# Non documented useful gesture



## qaiserpk (Aug 27, 2011)

Method of minimizing apps without pressing the button
When you are in an App, put your finger as low on the screen as possible, then quickly swipe upwards, this will do the same as pressing the button. Also, if you do it on the home screen then it will switch to the Launcher.
Thanks and rep appreciated if you think this helpful.


----------



## Joenathan (Aug 23, 2011)

Thats one of the most know features of WebOS

http://www.precentral.net/it-s-time-webos-hp-touchpad-reclaim-gestures-editorial

http://www.precentral.net/tip-roundup-gesture-area


----------



## imaximax1 (Aug 24, 2011)

lol, i figured that out day one.

ALSO SOMETIMES, when viewing cards, instead of closing them by sliding upwards, you can slide the downwards quickly and far. it makes a creaking noise then a sling shot noise (similar to angry birds)

does any1 know why this only works sometimes, is it only with multiple apps open, specific apps?


----------



## imaximax1 (Aug 24, 2011)

found out, only works when correctly orientated. button to right


----------



## piiman (Aug 21, 2011)

qaiserpk said:


> Method of minimizing apps without pressing the button
> When you are in an App, put your finger as low on the screen as possible, then quickly swipe upwards, this will do the same as pressing the button. Also, if you do it on the home screen then it will switch to the Launcher.
> Thanks and rep appreciated if you think this helpful.


Thanks I knew there had to be away to do that without the button. Personally I'd sometimes like to close an app with out have to shrink it first. Does any one know if that is possible?


----------



## thebaka18 (Aug 26, 2011)

Certain apps will make the noise and only in the right orientation. Most of the time you won't hear the "angry birds" weeeee sound. But it really does add a nice touch to the Luna UI.


----------



## qaiserpk (Aug 27, 2011)

Joenathan said:


> Thats one of the most know features of WebOS
> 
> http://www.precentral.net/it-s-time-webos-hp-touchpad-reclaim-gestures-editorial
> 
> http://www.precentral.net/tip-roundup-gesture-area


May be it was known to old WebOS users but there is a new bunch like me courtesy touchpad fire sale who looked at the user manual for reference. It is not documented in user manual. As most of the new users are looking for some android breakthrough on this forum it seems appropriated place where they may benefited from this information.


----------



## justin108 (Aug 28, 2011)

Yep I am new to webOS also and was unaware as I have been reading but like all fire sale buyers am very new to webOS. So thank you for the post even if the info was elsewhere. Now I know, and knowledge is half the batlle. xD


----------



## solid (Aug 25, 2011)

ok so wait! you mean all the new user here didnt go to youtube and actually research what they were buying to get a small taste of what they just wasted 100 bucks on??? LOL

J/K btw, although i did search youtube before i got mine


----------



## Jordan8 (Jun 10, 2011)

"solid said:


> ok so wait! you mean all the new user here didnt go to youtube and actually research what they were buying to get a small taste of what they just wasted 100 bucks on??? LOL
> 
> J/K btw, although i did search youtube before i got mine


Probably didn't have time. If you wasn't constantly hitting F5 on a reseller touchpad page, you were sleeping. ;D

/sarcasm <3


----------



## DeadVim (Aug 29, 2011)

qaiserpk said:


> Method of minimizing apps without pressing the button
> When you are in an App, put your finger as low on the screen as possible, then quickly swipe upwards, this will do the same as pressing the button. Also, if you do it on the home screen then it will switch to the Launcher.
> Thanks and rep appreciated if you think this helpful.

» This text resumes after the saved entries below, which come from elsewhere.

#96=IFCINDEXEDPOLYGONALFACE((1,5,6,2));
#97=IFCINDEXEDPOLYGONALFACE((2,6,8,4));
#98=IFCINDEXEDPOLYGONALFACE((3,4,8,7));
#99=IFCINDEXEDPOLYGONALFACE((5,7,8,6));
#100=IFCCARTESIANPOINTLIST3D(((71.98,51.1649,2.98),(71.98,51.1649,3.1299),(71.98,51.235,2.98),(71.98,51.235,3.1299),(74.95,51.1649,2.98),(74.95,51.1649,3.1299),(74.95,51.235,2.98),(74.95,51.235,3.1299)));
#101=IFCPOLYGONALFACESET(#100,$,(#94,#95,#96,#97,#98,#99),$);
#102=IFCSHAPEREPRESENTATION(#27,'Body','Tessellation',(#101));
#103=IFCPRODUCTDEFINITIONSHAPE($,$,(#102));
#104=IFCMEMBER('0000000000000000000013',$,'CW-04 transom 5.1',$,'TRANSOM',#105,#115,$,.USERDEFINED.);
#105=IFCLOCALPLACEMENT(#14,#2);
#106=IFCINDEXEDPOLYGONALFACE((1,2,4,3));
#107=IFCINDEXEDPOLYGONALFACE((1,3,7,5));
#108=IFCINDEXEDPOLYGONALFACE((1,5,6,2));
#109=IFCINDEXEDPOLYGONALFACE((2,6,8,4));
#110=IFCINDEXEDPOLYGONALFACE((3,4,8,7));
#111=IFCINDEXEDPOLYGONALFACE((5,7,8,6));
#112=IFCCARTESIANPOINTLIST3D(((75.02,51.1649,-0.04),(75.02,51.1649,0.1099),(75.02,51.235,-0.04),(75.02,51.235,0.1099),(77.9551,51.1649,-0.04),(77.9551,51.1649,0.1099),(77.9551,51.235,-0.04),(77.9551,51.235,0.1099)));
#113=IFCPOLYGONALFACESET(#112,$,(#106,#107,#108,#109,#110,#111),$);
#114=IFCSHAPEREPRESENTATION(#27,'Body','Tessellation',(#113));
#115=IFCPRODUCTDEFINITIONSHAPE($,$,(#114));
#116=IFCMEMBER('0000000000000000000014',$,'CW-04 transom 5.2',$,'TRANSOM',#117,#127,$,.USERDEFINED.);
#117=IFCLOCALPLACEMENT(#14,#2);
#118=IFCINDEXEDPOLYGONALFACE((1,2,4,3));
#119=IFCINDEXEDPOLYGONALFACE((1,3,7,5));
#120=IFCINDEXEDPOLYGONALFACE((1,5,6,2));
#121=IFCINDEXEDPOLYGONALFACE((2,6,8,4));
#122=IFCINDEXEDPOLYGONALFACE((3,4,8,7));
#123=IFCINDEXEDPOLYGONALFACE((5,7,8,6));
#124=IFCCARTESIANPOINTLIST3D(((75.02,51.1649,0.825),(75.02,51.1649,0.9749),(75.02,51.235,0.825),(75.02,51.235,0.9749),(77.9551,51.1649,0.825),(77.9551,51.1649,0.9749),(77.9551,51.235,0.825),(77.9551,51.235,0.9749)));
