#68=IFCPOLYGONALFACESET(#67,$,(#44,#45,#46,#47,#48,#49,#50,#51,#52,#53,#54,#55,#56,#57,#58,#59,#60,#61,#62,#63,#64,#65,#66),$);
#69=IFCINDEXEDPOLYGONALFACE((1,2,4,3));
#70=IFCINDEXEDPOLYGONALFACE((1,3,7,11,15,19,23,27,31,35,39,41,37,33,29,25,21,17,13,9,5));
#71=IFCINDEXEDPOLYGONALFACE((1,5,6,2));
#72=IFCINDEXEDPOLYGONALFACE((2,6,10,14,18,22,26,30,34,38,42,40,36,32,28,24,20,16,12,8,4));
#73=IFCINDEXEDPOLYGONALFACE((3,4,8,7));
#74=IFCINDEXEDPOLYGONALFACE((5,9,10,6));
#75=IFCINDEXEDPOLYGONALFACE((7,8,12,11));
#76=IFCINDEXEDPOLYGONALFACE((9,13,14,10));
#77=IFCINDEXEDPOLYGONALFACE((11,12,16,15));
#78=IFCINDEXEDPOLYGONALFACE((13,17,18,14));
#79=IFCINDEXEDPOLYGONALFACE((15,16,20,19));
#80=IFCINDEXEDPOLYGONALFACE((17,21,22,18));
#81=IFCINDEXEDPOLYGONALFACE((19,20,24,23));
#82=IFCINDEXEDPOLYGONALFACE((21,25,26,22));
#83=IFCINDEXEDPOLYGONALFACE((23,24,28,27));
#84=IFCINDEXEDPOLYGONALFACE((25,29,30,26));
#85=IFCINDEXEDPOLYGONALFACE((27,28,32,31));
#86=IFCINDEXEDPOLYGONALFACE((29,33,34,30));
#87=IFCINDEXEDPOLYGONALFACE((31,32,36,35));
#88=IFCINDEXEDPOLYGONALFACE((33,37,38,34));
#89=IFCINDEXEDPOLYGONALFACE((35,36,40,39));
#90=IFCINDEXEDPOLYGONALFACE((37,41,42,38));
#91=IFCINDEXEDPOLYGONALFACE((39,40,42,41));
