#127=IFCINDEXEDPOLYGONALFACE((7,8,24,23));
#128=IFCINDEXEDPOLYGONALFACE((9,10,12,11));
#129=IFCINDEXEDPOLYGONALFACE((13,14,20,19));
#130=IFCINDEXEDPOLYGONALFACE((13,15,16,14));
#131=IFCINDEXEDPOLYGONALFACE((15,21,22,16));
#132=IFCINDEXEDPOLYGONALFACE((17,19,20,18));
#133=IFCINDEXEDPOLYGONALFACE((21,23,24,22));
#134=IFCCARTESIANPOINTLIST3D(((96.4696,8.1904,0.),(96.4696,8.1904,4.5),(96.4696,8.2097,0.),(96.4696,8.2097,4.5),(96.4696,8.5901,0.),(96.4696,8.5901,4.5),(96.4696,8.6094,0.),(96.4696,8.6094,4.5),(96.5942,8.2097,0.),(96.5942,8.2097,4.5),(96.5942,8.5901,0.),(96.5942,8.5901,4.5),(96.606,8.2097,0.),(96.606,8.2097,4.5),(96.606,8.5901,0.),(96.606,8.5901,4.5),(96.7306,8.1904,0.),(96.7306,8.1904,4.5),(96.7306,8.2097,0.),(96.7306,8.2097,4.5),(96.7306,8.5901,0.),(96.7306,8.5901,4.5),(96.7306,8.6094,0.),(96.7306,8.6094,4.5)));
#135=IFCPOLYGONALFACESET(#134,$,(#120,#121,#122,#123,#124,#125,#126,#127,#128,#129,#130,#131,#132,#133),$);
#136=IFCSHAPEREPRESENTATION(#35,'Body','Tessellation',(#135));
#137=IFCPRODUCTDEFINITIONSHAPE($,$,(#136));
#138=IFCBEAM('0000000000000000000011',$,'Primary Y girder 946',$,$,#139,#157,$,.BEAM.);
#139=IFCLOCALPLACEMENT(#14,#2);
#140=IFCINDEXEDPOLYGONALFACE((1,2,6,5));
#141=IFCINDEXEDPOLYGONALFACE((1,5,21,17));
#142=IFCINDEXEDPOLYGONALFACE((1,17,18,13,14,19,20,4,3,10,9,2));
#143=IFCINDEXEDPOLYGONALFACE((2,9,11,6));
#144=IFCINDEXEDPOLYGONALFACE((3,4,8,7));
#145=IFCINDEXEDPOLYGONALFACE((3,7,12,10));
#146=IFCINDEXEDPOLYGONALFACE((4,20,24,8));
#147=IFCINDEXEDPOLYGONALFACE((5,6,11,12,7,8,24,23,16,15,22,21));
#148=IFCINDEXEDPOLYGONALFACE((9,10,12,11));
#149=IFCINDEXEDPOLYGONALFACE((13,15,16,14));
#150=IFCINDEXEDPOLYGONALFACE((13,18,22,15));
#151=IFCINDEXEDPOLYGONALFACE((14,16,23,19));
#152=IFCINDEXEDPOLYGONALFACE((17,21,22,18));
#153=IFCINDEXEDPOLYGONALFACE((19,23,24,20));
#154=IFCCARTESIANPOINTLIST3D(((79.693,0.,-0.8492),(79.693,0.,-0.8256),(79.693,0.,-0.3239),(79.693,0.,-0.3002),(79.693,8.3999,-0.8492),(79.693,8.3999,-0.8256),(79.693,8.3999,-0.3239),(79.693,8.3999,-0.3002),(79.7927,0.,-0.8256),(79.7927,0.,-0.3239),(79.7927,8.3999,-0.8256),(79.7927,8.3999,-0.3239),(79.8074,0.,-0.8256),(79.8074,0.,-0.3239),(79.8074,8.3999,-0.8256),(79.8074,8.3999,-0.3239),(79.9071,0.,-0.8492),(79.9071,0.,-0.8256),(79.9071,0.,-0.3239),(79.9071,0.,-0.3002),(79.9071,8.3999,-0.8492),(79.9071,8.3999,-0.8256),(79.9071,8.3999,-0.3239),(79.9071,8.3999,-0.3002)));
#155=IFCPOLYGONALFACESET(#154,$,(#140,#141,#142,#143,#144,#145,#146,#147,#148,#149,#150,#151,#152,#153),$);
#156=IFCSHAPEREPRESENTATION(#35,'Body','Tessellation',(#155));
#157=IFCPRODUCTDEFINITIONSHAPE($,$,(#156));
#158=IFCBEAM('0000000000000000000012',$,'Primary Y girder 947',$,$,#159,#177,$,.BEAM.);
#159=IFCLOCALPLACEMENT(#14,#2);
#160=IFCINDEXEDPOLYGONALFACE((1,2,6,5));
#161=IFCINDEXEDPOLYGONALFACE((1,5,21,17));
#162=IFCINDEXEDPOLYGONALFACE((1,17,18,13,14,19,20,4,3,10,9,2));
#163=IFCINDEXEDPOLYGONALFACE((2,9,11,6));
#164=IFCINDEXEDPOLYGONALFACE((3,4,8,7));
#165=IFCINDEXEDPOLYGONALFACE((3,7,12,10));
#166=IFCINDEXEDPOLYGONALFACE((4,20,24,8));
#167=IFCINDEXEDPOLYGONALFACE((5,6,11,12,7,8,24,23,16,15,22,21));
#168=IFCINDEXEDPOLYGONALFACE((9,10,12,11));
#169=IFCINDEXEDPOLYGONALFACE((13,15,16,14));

Thanks, as a relatively new webOS users I didn't know


----------



## solid (Aug 25, 2011)

Jordan8 said:


> Probably didn't have time. If you wasn't constantly hitting F5 on a reseller touchpad page, you were sleeping. ;D
> 
> /sarcasm <3


i didnt even think of that, LOL very nice


----------



## Rakeesh (Aug 22, 2011)

You guys this is written in the little getting started pamphlet that comes with the touchpad, so it's hardly non-documented.


----------



## Yohanseki (Jun 30, 2011)

Whenever I'm in card view and pull down on a card and sling shot it, it does not make the rubber band noise. Is there a setting for this?


----------



## Yohanseki (Jun 30, 2011)

whenever your in an app or browser and you swipe up with two fingers it opens the launcher.


----------



## crump84 (Aug 21, 2011)

Yohanseki said:


> Whenever I'm in card view and pull down on a card and sling shot it, it does not make the rubber band noise. Is there a setting for this?


It has to be turned the right way. In landscape, home button on the left, volume rocker on the bottom.


----------



## Yohanseki (Jun 30, 2011)

crump84 said:


> It has to be turned the right way. In landscape, home button on the left, volume rocker on the bottom.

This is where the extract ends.